Его рука, лежащая на оконной раме, медленно сжалась в кулак, затем расслабилась, и это простое движение как бы сняло все напряжение тела. Бесшумно поставив на пол рядом с собой жесткий узкий кейс и другой, мягкий чемоданчик, он обмяк и глубоко, с явным облегчением вздохнул. Затем надолго застыл, опершись о подоконник и прильнув лбом к холодному стеклу, — неясный тусклый силуэт на темном фоне. Потом, еще раз вздохнув, выпрямился и направился, тяжело ступая по натертому полу черными туфлями на мягкой подошве, к другой, затененной, двери, изредка поглядывая из стороны в сторону и потирая шею рукой, как это обычно делают при утомлении.

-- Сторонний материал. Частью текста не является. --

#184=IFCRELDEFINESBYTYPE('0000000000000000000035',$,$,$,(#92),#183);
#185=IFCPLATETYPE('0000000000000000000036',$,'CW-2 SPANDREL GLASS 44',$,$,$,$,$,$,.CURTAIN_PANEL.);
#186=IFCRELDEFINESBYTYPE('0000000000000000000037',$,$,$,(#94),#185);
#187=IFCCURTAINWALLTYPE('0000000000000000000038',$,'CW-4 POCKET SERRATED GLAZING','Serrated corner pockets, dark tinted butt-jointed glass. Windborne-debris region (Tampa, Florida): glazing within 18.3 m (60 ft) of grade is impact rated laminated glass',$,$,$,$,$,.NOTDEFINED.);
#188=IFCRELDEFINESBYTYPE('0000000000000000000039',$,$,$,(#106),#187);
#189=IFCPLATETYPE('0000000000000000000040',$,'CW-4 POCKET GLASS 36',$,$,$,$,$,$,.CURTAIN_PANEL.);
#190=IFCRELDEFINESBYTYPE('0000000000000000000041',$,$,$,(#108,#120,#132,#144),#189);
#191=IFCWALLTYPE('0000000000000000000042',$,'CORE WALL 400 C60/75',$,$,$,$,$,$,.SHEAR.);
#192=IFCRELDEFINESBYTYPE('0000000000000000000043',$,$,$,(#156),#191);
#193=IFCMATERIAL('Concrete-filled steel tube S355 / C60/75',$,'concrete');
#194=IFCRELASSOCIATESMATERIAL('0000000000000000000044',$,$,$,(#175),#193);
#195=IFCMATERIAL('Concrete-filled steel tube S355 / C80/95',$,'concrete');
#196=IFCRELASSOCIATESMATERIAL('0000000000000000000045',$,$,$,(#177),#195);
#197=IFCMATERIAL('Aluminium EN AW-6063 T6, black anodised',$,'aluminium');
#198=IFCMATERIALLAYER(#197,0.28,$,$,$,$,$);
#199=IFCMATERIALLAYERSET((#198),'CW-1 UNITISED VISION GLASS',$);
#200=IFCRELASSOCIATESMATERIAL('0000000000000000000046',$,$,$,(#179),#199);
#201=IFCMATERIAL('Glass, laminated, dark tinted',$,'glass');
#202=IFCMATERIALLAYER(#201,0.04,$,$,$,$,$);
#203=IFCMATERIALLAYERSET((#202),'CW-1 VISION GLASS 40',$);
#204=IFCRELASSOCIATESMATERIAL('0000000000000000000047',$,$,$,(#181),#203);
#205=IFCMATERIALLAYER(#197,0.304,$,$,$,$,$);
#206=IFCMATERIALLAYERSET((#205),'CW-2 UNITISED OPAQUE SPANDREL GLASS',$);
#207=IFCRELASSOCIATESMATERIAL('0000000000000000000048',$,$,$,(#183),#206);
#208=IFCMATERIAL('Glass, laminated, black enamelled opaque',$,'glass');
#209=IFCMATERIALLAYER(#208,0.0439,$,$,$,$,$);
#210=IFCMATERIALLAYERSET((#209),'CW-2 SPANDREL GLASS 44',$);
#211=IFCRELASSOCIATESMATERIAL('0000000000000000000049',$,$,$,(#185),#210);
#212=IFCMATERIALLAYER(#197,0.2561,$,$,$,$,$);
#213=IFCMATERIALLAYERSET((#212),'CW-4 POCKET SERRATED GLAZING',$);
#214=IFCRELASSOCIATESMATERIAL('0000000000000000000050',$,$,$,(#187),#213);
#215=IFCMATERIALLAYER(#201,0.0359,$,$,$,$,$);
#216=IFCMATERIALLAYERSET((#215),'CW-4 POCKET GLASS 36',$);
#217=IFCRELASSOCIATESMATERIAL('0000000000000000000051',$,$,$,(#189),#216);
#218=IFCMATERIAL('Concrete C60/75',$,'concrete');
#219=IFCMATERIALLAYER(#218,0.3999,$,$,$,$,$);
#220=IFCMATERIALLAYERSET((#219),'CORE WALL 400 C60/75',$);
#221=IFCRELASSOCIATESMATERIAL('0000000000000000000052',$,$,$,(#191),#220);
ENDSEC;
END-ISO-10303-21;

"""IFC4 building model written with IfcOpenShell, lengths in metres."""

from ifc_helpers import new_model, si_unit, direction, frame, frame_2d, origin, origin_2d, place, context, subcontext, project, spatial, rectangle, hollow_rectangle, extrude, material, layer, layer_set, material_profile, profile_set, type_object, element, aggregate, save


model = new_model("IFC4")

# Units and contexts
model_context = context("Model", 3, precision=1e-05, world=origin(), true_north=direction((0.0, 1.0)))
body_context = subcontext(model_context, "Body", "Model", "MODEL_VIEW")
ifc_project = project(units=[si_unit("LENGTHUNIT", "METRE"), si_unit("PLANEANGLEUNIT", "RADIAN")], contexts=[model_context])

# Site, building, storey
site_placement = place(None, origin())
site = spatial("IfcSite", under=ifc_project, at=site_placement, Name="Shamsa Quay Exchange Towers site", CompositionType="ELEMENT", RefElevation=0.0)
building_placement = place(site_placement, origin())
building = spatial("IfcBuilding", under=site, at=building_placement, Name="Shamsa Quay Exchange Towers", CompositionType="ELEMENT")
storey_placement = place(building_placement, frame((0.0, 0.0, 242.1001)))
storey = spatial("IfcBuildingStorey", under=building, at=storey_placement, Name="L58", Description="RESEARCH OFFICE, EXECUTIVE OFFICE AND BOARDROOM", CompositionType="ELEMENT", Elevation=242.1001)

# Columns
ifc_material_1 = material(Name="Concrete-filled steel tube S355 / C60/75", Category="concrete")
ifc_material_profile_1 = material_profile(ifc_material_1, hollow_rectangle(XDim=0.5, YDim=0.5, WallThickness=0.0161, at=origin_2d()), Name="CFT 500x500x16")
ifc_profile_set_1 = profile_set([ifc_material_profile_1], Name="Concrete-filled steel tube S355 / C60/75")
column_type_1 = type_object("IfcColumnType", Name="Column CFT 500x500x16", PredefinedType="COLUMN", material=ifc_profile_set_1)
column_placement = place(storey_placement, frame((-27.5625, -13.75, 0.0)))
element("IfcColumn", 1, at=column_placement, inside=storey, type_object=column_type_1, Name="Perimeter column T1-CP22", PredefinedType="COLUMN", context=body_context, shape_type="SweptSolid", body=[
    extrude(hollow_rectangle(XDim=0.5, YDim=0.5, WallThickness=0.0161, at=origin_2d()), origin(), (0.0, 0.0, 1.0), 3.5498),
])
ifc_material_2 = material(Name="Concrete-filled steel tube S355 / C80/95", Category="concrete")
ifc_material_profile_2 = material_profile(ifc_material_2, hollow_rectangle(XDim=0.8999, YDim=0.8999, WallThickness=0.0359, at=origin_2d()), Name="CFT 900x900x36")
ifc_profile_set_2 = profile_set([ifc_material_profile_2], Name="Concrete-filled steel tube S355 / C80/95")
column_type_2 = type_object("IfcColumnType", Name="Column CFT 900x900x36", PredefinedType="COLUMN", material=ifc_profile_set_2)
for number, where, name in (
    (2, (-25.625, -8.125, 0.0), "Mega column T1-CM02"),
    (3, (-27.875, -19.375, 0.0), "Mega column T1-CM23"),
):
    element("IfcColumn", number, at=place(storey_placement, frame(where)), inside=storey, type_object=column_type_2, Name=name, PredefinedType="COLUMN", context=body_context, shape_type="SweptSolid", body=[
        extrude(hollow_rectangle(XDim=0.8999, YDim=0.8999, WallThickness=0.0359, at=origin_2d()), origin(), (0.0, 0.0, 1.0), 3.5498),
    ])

Он не мог припомнить, чтобы когда-нибудь испытывал такую всепроникающую усталость, возможно, потому что обычно при возвращении в Новую Зеландию утомление затмевалось эйфорией от завершения еще одного заказа. На этот раз к этой радости примешивалось бесившее его невнятное чувство неудовлетворения — ведь законченная работа была, без сомнения, лучшей в его звездной карьере. Возможно, он просто чересчур усердно и долго трудился над этим проектом, слишком сильно желал его.
Он скинул с себя безупречно сшитый костюм, ультраконсервативную рубашку и галстук, небрежно швырнув их в плетеный ящик в углу; на его тонких губах промелькнула сумрачная усмешка при мысли о том, что возраст, вероятно, дает о себе знать. Завтра ему исполнится тридцать четыре; хоть он и уверен, что все еще находится в расцвете своих интеллектуальных способностей, организм, по-видимому, сигнализирует, что пора отступить от безжалостного режима: поездки — работа — поездки.
Из-за бесконечных задержек и опозданий этот трансконтинентальный перелет оказался настоящим кошмаром, и он едва не потерял свое знаменитое хладнокровие. Одно это уже подсказывало ему, что, наверное, пора серьезно пересмотреть свои планы.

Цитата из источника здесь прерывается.